KEEP YOUR BIBLE: I FOUND MY QUEERNESS IN BLACK RELIGION (Temple Indigo)
I floated alone.
The sun’s Jesus piece gold sliced through the ocean’s mild oscillations. Glancing around, chin crossing over chest to shade one shoulder before the next, I surveyed the unfamiliar expanse. My face soaked up the luminary’s warmth, like bee suckling nectar. Though neither landmass nor sign of human life, neither boat nor waterworn plank could be found in the sea’s vast, I was calm. My arms stroked, legs stretched forward and back, unshackled from burden. That I was by myself in an ocean didn’t startle me. Neither did the man who plowed up through its lid.
Droplets cascaded down his whiskey brown face, high cheekbones, his chiseled chest. A skirt of bark covered his body, waist to water. The man hovered, beautiful and fierce, and looked down upon me with an unsmiling, unflinching affection.

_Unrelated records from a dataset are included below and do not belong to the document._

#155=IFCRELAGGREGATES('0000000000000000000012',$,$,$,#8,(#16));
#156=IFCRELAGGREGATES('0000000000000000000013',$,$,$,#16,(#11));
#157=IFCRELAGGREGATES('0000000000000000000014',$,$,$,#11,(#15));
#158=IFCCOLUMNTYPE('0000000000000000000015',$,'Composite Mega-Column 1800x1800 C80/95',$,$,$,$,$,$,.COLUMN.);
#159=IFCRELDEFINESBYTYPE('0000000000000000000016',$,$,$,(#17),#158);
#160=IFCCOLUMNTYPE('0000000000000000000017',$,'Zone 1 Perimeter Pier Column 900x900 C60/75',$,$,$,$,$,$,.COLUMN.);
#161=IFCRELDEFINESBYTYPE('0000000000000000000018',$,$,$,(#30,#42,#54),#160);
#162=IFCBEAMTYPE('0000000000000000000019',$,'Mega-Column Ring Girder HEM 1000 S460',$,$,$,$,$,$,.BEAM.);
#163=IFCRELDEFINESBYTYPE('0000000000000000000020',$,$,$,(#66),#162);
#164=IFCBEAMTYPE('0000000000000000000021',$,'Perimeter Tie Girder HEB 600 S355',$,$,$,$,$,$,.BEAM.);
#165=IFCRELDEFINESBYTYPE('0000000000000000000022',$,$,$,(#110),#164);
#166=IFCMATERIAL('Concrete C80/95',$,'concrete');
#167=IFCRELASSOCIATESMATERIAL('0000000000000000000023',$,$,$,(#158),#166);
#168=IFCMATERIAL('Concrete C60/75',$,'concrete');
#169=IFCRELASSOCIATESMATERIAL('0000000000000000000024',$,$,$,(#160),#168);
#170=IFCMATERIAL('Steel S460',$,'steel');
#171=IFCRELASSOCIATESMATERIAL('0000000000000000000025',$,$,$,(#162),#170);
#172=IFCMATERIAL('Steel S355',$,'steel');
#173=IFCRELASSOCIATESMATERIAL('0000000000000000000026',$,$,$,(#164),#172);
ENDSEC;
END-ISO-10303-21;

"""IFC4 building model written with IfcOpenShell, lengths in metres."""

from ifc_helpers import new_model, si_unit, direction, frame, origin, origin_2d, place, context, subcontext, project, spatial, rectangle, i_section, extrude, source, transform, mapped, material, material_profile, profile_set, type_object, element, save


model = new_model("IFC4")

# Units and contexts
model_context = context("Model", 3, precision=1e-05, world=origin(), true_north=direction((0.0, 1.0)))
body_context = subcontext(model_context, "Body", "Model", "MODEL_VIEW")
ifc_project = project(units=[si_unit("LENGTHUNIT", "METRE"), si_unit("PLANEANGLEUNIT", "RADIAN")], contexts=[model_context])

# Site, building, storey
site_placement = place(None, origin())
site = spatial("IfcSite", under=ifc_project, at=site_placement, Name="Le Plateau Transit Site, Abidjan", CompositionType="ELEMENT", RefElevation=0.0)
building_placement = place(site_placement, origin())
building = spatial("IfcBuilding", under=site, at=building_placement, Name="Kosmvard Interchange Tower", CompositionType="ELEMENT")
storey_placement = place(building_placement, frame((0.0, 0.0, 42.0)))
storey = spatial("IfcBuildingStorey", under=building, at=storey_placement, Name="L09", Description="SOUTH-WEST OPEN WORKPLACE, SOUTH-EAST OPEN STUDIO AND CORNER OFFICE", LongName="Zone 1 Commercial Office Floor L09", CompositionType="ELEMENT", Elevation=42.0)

“You. You embody masculine and feminine better than them all. The Others,” he urged, “they think they have to conquer the seven seas to find the balance you hold. But you. You know you have to find the twelve.”
I said nothing, just listened, stared at his face.
A blink later, he disappeared. The ocean was gone. Instead of treading water, I laid in an old cast iron tub that, I recognized, was in my apartment’s bathroom.
A blurry haze projected from my bedroom’s television and filled my actual eyes, now that they were open.